Looking back over the past two years, "strategic hodl" companies have begun clustering across U.S. markets—some heavily loaded with Bitcoin, others investing in Ethereum, SOL, BNB, or even HLP. Some mimic MSTR purely to ride the "hodl premium" wave.
How should we assess their investment logic and market positioning? Longxinyan remains cool-headed: "This space is overcrowded. Companies with only a shell or a gimmick, lacking real operations, are too immature. Public markets aren’t QQ groups—you can’t just gather a few people and play high-stakes capital games." He stresses that capital markets have established rules and底线. Raw Web3 bravado and community hype alone won’t sustain longevity on U.S. exchanges.
Moreover, pricing for such firms varies significantly by region. Take Japan’s Metaplanet—a former hotel operator—now the world’s ninth-largest Bitcoin holder. Thanks to favorable domestic tax policies and limited crypto access for many Asian investors, stocks like MSTR and Metaplanet have become de facto “crypto ETFs” for some. In contrast, Hong Kong-listed firms attempting similar moves face fragmented liquidity and shallow markets, failing to capture the same U.S.-style momentum. Longxinyan bluntly states: "I’m not optimistic about Hong Kong stocks doing this."
Undeniably, placing vast amounts of Bitcoin on corporate balance sheets signals strength. But the market’s “rules of the game” remain unchanged—truly high-quality firms are rare. Most are merely chasing trends and valuation premiums. If Bitcoin crashes, leveraged firms without solid operations may find their refinancing channels dry up, forcing them to dump Bitcoin at bear-market lows—exacerbating downward pressure and triggering chain reactions akin to a “death spiral.”
In bull markets, these firms often exhibit a self-reinforcing loop—"left foot stepping on right foot": coin price rises → hodled assets appreciate → market cap surges → investor enthusiasm grows → fundraising flows smoothly. But in bear markets, everything reverses—valuation systems risk collapse overnight. Longxinyan’s rule is straightforward: "Never buy high-premium stocks; avoid recent converts; steer clear of immature ones; skip those with fewer than two funding rounds—afraid the early creditors might just be insiders, just like developers playing USD-denominated bonds in real estate."

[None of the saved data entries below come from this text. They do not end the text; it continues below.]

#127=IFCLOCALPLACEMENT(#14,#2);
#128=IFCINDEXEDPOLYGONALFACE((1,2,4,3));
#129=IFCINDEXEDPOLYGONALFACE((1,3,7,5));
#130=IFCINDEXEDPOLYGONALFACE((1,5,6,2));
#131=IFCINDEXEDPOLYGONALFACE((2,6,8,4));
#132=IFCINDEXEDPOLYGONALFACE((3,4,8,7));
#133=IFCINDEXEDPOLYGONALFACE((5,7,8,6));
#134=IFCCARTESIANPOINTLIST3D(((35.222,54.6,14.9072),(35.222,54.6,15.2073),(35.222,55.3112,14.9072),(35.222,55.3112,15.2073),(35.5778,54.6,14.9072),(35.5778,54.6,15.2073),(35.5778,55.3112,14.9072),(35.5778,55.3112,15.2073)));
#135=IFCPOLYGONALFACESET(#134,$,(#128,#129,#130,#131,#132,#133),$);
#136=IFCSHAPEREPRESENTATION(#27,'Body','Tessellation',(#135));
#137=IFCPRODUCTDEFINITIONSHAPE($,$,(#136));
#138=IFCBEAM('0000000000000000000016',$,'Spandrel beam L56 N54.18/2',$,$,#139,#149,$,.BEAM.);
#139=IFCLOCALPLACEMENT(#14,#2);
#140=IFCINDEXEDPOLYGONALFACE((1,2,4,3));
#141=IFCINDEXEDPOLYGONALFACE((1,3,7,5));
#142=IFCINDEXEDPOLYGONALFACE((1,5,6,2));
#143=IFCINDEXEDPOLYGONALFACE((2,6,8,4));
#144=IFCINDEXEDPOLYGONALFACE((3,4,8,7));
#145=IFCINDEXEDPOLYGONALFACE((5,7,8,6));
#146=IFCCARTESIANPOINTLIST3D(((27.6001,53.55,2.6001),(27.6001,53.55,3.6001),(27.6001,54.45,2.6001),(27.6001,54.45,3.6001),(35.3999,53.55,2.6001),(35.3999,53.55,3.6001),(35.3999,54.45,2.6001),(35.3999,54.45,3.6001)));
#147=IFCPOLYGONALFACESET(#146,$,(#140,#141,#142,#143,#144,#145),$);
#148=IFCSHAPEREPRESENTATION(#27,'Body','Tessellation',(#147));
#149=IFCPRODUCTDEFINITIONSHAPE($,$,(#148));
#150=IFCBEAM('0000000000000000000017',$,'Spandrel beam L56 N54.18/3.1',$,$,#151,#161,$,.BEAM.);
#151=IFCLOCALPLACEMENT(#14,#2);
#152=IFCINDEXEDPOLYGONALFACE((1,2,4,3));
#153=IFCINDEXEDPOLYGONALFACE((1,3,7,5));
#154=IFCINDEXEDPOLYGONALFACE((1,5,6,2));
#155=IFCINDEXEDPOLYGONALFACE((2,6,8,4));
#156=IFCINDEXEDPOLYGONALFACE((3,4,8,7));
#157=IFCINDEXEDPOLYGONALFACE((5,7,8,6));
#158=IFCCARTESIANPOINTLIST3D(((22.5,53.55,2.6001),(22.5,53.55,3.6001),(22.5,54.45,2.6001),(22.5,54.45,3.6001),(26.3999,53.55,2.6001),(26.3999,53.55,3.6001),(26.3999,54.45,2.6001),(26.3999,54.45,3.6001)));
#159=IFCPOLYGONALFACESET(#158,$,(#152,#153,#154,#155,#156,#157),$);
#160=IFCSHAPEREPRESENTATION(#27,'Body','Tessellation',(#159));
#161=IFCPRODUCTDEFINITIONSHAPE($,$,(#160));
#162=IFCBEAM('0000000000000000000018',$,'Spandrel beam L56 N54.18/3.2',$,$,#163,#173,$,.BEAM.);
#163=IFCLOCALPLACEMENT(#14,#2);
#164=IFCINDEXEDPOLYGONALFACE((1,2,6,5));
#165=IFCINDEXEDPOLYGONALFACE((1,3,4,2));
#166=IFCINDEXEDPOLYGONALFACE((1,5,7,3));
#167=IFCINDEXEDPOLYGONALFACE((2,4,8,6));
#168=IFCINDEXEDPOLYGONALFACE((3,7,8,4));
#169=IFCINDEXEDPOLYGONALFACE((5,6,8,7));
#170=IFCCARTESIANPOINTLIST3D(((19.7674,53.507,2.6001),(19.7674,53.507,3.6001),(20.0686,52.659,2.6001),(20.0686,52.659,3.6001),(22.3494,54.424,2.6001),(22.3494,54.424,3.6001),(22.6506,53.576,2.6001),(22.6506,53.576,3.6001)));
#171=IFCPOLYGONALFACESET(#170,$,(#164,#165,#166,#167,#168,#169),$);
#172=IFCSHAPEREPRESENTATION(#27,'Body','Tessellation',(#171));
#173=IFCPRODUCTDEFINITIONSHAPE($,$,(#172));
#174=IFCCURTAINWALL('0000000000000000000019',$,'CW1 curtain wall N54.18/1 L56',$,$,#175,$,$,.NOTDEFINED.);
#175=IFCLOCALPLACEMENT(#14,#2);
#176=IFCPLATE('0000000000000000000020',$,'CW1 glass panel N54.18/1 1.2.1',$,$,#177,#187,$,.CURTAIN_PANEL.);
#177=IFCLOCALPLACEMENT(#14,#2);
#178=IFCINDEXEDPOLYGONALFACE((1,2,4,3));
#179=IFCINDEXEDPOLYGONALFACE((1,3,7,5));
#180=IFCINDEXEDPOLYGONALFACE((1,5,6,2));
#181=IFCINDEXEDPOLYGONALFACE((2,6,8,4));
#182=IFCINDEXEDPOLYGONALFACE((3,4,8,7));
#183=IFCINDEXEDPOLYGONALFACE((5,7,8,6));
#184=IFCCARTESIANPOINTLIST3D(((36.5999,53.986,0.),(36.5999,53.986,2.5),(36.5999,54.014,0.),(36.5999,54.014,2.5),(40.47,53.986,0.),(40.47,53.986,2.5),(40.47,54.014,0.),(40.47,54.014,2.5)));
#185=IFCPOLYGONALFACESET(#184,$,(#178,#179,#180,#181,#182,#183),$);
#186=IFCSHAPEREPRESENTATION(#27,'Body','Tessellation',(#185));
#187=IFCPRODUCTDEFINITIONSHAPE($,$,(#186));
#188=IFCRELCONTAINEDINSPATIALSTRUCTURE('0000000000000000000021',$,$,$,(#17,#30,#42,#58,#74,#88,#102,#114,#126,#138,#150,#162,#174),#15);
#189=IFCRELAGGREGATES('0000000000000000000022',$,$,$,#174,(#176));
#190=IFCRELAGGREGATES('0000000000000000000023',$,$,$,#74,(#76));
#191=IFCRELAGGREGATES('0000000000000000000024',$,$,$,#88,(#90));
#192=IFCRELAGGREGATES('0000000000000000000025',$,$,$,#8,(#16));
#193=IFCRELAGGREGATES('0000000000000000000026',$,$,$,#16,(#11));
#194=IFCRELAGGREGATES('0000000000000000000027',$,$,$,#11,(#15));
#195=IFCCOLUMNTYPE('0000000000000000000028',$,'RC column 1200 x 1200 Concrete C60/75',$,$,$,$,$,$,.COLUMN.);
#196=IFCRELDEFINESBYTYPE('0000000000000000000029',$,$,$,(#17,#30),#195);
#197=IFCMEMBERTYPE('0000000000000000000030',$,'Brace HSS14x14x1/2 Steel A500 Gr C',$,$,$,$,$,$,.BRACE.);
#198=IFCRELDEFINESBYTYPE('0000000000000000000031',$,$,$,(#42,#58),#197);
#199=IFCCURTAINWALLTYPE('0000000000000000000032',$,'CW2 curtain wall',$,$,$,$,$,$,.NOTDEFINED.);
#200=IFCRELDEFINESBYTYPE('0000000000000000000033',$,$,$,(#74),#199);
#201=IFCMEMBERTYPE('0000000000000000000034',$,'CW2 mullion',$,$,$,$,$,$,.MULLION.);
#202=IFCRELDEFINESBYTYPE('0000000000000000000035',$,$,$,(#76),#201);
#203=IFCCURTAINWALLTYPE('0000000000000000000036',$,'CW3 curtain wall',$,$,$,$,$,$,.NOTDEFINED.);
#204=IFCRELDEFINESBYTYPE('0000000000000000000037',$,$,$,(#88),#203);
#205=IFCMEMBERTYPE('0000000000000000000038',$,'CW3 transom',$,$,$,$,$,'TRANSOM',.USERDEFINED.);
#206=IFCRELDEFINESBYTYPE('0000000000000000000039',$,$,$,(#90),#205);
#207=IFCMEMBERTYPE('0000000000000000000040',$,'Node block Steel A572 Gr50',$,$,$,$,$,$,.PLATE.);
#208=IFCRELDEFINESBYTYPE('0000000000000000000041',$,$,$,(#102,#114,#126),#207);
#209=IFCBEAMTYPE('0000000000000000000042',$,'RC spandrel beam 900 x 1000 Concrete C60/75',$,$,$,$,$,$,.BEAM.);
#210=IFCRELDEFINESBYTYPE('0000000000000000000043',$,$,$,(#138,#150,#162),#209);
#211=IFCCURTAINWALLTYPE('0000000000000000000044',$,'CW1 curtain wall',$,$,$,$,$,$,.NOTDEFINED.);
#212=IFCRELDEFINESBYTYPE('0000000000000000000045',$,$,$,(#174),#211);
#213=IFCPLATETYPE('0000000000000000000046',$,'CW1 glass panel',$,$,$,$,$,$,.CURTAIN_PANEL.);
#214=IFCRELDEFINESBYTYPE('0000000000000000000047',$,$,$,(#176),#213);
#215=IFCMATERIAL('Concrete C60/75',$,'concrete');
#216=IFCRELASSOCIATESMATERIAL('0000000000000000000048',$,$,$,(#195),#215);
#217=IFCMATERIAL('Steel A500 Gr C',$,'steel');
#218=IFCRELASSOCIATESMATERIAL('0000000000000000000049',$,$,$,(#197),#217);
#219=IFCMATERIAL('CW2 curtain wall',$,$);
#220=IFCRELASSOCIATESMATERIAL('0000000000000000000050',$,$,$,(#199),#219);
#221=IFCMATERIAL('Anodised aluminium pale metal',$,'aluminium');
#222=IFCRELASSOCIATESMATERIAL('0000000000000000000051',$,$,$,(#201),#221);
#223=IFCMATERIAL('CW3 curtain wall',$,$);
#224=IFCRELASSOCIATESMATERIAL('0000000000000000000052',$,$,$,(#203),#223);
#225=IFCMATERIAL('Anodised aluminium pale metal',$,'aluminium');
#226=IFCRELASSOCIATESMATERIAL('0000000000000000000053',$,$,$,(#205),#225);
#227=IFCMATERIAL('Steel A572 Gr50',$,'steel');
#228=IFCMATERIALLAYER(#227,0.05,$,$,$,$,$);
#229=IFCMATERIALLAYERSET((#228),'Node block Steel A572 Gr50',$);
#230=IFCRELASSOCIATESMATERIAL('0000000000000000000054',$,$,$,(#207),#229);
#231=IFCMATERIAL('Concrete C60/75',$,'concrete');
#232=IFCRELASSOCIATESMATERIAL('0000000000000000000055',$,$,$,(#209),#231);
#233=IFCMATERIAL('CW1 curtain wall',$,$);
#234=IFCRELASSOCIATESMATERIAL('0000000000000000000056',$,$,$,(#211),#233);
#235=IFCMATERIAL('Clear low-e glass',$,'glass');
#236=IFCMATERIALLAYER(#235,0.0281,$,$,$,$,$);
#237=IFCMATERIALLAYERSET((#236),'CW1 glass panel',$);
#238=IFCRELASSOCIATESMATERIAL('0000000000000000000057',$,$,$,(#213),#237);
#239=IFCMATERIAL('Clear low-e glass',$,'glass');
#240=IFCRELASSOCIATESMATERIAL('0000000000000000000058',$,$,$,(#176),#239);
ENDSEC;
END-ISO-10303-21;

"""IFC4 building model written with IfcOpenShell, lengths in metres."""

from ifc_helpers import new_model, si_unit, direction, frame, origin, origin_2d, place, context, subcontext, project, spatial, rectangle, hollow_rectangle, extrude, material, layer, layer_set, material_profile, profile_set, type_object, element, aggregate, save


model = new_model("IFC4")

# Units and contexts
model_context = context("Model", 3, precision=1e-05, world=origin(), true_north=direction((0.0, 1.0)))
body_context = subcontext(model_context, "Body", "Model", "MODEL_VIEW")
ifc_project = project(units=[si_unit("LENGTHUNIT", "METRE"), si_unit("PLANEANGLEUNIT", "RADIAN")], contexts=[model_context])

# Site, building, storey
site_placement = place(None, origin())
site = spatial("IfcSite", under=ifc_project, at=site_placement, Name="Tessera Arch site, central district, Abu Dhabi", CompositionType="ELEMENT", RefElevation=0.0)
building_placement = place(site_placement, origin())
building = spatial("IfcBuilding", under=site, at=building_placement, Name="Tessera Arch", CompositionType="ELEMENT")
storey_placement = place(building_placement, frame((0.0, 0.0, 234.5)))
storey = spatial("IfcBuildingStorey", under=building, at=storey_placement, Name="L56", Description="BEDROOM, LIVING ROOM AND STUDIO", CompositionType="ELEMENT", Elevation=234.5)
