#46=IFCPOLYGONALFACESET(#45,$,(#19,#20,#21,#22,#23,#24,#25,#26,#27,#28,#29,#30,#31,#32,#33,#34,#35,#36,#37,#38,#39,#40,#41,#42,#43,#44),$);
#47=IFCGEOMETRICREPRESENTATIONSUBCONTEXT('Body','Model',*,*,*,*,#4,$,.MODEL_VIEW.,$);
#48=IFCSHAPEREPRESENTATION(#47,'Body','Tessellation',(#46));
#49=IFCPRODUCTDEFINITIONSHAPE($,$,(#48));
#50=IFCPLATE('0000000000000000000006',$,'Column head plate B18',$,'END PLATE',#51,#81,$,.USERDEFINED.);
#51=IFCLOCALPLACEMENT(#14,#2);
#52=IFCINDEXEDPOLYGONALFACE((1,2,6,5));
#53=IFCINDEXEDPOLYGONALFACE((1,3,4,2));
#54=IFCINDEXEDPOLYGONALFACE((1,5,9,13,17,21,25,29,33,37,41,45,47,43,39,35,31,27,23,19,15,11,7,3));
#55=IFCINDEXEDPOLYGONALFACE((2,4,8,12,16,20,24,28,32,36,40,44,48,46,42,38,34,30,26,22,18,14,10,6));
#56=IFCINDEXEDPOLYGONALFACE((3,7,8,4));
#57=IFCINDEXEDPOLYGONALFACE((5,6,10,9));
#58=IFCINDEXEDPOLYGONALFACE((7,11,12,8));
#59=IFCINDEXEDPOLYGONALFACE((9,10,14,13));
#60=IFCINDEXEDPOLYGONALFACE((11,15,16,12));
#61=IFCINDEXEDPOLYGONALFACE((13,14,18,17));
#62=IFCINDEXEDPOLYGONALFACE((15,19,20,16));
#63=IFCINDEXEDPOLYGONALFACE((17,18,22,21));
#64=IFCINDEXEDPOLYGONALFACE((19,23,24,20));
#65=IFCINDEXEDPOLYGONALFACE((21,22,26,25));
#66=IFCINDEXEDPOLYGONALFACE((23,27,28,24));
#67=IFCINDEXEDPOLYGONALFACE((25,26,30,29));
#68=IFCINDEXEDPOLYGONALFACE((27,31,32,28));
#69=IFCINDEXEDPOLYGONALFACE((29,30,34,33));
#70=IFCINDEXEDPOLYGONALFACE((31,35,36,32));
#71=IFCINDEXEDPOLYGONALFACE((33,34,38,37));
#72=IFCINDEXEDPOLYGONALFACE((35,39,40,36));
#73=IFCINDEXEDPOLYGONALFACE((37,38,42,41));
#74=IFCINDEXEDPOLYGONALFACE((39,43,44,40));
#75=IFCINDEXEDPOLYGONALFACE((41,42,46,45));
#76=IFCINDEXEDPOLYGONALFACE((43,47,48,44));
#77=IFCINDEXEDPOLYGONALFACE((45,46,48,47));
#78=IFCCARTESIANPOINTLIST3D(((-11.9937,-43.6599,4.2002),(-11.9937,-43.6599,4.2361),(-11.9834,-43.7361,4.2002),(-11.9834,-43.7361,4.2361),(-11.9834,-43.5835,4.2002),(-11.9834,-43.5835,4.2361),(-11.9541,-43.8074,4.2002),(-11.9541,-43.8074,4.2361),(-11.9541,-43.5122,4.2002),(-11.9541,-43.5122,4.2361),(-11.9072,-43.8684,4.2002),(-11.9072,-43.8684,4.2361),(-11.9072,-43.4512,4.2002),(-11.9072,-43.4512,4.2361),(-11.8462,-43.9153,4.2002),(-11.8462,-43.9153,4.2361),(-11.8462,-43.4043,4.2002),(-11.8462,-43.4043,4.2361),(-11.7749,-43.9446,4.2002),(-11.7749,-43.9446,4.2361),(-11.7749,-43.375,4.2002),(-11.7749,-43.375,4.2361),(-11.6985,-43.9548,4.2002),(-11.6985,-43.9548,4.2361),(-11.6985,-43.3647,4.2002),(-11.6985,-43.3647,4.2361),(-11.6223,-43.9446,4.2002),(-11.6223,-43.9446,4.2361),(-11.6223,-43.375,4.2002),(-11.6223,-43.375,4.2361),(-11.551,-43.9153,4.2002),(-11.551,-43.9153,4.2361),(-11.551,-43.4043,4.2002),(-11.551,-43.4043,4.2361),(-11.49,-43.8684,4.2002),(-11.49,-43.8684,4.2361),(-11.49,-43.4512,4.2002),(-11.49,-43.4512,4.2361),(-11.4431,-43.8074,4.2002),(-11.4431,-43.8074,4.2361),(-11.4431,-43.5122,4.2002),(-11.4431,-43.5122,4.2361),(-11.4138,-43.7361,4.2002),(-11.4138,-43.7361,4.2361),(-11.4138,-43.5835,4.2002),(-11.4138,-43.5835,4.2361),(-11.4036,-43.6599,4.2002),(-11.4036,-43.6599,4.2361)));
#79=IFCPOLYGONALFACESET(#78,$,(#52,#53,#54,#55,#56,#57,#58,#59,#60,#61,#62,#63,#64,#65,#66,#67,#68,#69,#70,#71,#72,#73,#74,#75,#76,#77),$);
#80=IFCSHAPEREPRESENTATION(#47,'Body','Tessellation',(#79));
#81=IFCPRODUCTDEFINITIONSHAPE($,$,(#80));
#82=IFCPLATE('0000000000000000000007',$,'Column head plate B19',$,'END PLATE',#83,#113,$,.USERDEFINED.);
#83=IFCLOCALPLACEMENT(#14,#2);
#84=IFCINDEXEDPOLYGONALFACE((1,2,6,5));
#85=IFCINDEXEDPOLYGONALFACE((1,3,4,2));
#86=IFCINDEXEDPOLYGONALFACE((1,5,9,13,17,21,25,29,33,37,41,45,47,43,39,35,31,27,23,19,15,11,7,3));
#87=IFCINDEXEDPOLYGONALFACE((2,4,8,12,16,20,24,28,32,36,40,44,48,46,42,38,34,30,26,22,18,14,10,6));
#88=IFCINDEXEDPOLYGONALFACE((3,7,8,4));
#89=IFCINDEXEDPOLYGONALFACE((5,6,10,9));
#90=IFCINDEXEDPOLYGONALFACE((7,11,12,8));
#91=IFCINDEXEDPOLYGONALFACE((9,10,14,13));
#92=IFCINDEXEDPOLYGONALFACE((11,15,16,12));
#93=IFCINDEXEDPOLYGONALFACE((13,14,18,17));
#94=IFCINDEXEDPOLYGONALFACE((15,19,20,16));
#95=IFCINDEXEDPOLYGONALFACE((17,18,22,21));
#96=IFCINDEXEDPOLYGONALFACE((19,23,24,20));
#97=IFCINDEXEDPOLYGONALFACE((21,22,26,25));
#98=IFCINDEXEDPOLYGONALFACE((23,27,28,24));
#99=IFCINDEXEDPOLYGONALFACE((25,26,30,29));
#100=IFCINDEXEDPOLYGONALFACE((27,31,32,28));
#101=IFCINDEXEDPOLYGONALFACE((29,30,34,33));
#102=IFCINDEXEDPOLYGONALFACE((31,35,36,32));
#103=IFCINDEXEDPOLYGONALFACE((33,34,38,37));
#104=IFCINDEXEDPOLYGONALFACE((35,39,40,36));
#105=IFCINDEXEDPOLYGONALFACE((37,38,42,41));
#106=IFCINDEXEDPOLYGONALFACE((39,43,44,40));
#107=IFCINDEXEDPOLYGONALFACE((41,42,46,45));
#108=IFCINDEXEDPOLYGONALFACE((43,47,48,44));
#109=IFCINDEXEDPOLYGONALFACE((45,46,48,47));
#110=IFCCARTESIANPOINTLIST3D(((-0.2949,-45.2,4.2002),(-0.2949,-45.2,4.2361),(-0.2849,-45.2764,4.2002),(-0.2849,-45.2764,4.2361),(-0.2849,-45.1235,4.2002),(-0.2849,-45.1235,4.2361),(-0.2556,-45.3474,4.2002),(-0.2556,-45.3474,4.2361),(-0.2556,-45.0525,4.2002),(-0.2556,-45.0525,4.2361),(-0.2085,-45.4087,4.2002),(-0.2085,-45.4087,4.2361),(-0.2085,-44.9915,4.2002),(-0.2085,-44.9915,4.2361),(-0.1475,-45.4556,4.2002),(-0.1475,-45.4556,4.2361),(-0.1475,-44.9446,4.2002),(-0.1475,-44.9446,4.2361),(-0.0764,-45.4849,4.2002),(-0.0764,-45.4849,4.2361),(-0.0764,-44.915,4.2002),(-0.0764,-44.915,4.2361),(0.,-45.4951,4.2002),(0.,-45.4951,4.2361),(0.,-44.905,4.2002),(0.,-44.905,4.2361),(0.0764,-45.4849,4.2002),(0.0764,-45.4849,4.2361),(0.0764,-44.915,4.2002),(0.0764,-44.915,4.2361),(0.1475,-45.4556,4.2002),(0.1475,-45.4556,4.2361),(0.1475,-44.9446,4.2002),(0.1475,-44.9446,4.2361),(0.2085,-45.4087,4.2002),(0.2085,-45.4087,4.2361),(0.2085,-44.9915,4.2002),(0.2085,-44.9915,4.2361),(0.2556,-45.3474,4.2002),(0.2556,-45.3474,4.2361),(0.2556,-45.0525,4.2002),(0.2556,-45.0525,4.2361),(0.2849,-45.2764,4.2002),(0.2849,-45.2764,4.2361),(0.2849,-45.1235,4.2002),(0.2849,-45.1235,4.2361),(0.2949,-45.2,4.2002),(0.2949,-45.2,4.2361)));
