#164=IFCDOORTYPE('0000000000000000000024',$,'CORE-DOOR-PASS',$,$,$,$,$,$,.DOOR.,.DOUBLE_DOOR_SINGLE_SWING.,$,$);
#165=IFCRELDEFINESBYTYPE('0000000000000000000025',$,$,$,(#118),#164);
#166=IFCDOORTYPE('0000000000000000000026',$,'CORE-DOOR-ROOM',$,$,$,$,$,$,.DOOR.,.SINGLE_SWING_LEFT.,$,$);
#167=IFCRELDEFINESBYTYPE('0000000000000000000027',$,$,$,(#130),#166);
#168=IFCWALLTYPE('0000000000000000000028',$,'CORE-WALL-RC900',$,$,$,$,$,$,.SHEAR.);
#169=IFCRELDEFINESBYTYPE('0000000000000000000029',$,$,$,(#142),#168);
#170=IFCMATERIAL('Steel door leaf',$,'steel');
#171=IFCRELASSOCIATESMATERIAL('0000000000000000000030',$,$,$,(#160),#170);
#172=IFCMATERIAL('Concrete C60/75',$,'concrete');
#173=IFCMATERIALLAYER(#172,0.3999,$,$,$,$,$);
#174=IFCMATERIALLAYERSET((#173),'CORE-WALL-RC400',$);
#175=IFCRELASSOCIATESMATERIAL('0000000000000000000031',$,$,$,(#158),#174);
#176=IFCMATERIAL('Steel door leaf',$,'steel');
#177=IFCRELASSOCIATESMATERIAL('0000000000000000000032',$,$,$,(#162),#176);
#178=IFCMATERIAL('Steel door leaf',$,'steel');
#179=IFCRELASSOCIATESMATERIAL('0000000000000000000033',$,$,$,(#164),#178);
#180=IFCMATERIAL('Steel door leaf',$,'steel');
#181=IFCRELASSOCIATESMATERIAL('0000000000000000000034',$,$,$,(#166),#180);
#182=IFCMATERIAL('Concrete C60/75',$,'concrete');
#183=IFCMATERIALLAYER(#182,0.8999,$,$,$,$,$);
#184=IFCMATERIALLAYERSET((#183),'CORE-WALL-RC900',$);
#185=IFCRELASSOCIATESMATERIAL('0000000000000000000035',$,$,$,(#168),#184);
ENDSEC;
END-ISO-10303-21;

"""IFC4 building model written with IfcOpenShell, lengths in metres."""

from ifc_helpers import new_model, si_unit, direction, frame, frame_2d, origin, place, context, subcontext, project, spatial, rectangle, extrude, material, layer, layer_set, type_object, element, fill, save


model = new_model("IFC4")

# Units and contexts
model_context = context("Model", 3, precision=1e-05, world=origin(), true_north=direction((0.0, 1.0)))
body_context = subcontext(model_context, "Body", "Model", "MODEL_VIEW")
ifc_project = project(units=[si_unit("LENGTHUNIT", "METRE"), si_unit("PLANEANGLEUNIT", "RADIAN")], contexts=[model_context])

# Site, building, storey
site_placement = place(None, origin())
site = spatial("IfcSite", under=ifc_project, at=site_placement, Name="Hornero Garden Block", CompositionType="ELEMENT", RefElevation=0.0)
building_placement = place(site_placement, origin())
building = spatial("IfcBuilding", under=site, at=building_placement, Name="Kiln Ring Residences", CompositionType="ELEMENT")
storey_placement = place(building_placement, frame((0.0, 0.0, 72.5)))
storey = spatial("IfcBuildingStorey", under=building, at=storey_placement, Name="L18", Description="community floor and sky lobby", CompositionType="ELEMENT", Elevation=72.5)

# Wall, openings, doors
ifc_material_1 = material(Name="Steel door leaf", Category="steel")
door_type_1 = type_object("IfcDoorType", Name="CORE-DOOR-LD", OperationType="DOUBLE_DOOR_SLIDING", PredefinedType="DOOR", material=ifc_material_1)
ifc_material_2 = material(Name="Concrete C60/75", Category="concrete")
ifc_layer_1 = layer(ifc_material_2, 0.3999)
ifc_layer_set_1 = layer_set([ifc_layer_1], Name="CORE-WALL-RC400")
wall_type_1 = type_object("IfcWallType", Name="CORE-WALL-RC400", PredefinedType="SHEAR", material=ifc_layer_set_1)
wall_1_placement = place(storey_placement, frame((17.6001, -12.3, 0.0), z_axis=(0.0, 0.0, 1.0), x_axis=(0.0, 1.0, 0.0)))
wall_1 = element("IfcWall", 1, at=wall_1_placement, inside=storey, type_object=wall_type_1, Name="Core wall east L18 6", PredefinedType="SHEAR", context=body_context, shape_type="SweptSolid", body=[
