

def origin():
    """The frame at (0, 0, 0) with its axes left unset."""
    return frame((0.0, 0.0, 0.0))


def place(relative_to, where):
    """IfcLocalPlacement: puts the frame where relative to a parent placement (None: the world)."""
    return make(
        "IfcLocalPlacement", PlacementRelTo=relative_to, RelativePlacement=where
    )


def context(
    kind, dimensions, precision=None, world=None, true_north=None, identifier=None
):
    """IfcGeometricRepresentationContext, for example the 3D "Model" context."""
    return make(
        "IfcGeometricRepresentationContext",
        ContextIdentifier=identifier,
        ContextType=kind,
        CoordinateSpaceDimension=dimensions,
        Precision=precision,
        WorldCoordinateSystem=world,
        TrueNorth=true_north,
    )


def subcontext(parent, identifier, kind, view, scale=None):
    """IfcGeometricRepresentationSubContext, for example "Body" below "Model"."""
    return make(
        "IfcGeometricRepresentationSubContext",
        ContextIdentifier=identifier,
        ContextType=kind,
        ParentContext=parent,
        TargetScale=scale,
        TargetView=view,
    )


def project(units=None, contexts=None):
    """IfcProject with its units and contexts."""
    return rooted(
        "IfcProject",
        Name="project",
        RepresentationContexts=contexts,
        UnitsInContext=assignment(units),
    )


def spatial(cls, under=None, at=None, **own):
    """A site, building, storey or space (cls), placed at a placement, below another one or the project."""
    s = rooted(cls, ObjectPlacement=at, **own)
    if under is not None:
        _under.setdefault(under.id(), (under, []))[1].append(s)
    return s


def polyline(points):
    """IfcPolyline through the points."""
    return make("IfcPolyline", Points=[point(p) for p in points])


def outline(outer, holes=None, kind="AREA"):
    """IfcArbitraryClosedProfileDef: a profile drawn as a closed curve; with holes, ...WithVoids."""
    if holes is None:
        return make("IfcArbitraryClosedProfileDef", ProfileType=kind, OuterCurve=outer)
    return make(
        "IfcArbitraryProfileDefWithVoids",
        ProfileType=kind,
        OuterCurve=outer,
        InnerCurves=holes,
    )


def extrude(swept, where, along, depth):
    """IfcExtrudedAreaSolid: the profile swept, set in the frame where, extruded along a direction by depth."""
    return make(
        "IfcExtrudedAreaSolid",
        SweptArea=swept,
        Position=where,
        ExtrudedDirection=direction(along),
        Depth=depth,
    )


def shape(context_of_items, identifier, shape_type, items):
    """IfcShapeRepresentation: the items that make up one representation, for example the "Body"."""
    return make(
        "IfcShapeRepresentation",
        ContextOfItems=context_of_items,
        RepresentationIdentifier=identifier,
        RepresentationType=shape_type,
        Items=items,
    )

During the interview, Hikari echoed Longxinyan: many emerging "strategic hodl" firms are simply copying MicroStrategy’s script—buy coins, raise funds, tell stories, inflate valuations via "hodl premium." Some are even VC-backed projects or crypto-native teams transitioning into public markets. Hikari admits candidly: "Many of these companies are here just to scam money."
"Ultimately, MSTR’s success stems from sheer scale—the volume of Bitcoin it holds is unmatched. It still has room to innovate: staking its Bitcoin at scale, deploying complex options strategies, monetizing assets. As long as it shares returns with shareholders via dividends, this model can endure."
He adds that beyond MicroStrategy, he only follows a handful of truly transparent, operationally sound "hodl stocks"—such as Japan’s Metaplanet and medical device firm SMLR (Semler Scientific). "As long as asset structure is clear and core business makes sense, these are worth watching."
As for how markets evolve and strategies adapt, Longxinyan, Hikari, and Butter all agree on one thing: no matter how narratives unfold, the most scarce and consensus-driven asset in crypto remains—Bitcoin.